El final de la temporada
veraniega en la popular sala de exposiciones del Colectivo Cultural Espacio
Vacío no se entiende sin la presencia de Antonio Rueda. Artista polifacético,
multidisciplinar, heterodoxo… Rueda lleva más de 30 años exponiendo en este espacio
que es un referente de la vida cultural chipionera.
“La sala Espacio Vacío la
considero mía, mi casa, porque yo he nacido aquí como artista”, afirma en la
habitual charla que Mamé Valdés mantiene en los micrófonos de la
radiotelevisión municipal. Y enfatiza: “Soy sevillano, pero me siento muy de
Chipiona, y aquí soy feliz”.
Antonio Rueda expone estos
días y hasta el 22 de septiembre sus nuevas creaciones en la sala del Colectivo
Cultural Espacio Vacío, que se presentan con el título ‘El año del cangrejo’.
La muestra está basada en las esculturas de los cangrejos monumentales de
Alfredo Zarazaga y es, al mismo tiempo, un homenaje. “Todos los que se le hagan
son pocos”. El autor explica que, con
su visión personal, presenta una pintura donde la forma, las texturas y los
detalles de los objetos es el hilo conductor del discurso expositivo.
En la exposición, a través
de diferentes fotografías tomadas por el propio Antonio Rueda, se crea un
universo paralelo a las esculturas donde el color, el detalle de cada material
de la obra original y la expresividad de los elementos es la guía y el lenguaje
desde la mirada pictórica.
Los cangrejos se encuentran
en un espacio inventado, en una realidad artificial o un paisaje antinatural o
espacial en el que interactúan, creando una unión entre el objeto y el entorno.

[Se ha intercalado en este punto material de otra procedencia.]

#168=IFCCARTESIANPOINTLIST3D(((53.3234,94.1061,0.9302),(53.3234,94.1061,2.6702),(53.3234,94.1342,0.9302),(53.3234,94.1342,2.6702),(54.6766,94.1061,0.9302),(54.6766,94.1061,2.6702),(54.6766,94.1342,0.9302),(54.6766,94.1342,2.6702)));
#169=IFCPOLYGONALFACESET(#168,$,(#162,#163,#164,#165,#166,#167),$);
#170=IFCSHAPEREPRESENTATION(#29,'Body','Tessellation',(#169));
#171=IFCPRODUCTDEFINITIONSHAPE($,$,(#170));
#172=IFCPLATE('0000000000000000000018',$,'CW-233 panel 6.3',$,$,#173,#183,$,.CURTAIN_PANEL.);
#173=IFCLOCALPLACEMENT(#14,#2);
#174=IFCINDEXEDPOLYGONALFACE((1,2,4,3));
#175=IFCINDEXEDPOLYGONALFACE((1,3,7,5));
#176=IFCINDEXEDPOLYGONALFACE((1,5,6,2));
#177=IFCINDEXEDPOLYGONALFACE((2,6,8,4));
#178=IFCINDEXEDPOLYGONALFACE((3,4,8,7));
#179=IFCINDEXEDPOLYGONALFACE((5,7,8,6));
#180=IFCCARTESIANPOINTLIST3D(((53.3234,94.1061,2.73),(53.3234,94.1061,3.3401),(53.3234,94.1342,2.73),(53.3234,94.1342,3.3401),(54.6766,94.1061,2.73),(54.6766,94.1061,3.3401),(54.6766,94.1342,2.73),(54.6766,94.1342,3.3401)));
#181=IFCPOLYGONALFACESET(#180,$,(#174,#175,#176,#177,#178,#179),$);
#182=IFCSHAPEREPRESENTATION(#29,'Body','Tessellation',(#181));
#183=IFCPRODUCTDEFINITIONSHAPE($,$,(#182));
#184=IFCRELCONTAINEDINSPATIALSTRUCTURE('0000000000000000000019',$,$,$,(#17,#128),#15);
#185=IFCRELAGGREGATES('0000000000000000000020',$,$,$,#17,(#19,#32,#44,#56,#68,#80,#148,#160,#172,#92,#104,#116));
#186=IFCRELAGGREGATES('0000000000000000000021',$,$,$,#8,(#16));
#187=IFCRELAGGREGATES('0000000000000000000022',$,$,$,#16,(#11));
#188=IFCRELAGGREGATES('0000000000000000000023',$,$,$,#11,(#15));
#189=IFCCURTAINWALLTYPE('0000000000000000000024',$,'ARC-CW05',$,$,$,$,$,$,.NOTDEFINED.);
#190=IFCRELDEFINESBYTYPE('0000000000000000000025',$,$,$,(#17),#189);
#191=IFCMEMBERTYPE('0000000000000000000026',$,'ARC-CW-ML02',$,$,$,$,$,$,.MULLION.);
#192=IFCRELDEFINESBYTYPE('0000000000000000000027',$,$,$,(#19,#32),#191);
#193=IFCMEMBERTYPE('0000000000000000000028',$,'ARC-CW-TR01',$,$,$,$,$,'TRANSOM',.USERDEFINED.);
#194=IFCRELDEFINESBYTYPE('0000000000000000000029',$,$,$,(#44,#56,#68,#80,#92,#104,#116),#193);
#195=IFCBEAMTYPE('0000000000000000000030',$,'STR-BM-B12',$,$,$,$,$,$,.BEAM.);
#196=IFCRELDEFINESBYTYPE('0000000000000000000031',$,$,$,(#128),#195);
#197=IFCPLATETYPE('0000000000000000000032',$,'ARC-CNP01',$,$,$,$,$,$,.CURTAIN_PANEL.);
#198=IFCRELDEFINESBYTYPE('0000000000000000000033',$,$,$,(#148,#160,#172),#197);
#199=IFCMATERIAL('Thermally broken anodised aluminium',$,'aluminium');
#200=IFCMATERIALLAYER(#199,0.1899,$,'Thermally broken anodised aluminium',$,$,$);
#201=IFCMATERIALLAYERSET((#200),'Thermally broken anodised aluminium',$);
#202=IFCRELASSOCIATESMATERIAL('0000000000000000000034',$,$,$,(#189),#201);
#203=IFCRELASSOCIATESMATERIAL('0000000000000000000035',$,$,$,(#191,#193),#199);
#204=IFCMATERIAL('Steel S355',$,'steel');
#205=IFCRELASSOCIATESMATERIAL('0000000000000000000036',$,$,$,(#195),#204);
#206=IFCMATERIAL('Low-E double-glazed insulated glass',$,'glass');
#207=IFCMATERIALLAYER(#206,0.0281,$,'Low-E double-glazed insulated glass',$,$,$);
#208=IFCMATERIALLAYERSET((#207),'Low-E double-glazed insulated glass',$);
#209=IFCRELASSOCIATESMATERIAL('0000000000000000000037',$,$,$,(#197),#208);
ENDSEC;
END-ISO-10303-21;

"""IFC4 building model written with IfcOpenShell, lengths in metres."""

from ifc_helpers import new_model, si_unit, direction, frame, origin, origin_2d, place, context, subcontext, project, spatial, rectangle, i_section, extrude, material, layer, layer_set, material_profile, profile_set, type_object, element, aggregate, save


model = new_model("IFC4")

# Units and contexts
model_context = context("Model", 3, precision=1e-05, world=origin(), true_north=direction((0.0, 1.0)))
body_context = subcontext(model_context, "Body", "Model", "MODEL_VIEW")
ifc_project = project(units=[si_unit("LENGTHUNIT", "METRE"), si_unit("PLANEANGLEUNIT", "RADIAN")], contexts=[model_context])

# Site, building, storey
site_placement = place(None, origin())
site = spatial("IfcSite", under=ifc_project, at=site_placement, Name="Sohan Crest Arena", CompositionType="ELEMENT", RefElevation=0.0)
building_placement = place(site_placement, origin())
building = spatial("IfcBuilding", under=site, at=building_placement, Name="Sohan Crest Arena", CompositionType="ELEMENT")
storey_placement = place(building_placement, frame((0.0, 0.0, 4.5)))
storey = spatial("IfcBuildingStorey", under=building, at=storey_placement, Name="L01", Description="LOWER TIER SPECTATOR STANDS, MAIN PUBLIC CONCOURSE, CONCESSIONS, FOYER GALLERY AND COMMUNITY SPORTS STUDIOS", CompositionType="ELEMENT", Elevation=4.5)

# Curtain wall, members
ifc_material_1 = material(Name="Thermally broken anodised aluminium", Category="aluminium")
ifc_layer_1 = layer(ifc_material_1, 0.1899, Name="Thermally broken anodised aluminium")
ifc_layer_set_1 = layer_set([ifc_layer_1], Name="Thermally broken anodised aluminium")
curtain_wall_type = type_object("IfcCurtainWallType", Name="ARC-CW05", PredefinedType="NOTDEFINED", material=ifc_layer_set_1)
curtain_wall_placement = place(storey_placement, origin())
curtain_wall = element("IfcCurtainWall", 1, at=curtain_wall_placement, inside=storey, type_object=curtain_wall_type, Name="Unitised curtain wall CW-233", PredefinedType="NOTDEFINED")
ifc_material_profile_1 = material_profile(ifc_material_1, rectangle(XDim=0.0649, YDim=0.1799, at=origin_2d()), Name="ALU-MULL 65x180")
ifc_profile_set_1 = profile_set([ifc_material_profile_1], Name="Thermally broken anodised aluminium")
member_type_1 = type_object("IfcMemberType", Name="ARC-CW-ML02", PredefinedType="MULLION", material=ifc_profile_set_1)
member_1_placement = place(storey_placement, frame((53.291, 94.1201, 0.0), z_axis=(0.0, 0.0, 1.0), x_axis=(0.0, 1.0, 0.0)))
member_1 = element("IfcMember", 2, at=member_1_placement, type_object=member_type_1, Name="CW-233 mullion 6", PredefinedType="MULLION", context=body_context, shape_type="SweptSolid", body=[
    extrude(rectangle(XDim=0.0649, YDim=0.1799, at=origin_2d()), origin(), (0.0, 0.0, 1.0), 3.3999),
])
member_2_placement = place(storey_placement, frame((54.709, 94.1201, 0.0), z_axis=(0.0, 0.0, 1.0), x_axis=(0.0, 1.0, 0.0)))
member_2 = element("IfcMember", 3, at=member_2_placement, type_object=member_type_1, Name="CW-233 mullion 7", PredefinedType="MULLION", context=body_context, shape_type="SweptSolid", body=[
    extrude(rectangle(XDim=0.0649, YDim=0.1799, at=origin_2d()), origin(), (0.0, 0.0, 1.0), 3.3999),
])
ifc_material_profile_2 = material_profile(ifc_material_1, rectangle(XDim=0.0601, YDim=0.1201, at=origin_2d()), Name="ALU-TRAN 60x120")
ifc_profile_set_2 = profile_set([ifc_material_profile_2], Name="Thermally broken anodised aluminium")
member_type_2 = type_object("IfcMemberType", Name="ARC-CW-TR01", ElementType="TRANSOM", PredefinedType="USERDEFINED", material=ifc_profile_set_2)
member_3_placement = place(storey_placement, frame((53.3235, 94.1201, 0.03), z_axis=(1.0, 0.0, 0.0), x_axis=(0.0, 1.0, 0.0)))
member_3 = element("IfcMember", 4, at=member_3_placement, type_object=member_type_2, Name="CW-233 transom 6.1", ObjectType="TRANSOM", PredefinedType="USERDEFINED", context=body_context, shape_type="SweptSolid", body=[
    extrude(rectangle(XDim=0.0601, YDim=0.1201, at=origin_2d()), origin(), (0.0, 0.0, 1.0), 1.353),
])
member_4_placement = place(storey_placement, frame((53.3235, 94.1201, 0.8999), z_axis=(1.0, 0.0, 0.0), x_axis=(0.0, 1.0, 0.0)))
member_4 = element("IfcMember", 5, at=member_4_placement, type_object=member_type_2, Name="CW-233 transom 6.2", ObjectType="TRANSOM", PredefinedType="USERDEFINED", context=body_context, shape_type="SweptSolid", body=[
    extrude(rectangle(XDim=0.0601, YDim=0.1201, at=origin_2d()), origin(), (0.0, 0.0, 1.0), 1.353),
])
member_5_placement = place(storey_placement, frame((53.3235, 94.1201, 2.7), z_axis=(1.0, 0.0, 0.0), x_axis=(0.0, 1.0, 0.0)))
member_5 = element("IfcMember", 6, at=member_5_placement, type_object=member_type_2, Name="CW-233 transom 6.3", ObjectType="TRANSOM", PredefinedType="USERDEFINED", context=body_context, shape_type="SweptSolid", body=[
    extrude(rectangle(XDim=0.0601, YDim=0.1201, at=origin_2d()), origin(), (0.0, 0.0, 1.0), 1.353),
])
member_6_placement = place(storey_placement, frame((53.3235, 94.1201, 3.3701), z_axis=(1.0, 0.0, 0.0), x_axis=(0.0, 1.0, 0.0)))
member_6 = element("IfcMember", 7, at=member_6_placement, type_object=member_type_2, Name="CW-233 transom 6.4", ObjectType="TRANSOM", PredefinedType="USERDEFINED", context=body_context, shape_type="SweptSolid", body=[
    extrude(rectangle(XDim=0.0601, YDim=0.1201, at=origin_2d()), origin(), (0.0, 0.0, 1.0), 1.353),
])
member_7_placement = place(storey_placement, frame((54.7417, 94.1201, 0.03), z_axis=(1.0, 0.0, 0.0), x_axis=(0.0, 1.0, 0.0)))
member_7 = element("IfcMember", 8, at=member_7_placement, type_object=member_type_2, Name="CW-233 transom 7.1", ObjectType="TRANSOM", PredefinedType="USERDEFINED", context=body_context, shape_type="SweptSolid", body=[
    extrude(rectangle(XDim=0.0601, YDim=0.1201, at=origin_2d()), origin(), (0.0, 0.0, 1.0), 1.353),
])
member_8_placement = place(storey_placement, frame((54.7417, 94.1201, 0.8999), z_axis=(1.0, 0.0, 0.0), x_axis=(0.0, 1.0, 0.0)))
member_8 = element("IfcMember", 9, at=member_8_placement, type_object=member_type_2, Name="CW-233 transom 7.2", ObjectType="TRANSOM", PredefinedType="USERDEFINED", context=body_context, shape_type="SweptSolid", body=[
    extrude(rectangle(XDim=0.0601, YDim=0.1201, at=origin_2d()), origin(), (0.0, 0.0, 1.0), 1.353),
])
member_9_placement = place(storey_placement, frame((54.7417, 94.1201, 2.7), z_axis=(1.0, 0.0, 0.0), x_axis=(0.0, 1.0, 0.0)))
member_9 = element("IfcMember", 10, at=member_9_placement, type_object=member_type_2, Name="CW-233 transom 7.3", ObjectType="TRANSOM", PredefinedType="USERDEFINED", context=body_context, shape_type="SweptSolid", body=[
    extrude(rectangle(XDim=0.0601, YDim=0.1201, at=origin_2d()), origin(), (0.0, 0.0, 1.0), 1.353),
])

Unas figuras cargadas de expresividad con un concepto metálico y robótico,
jugando así con el estilo del autor, en el que predomina el color y las formas
abstractas y figurativas que se relacionan entre sí.
Entre el surrealismo pop y
la abstracción, encontraremos en la exposición otros temas, desde pintura en
cartón reciclado a algunos de los famosos camaleones del artista.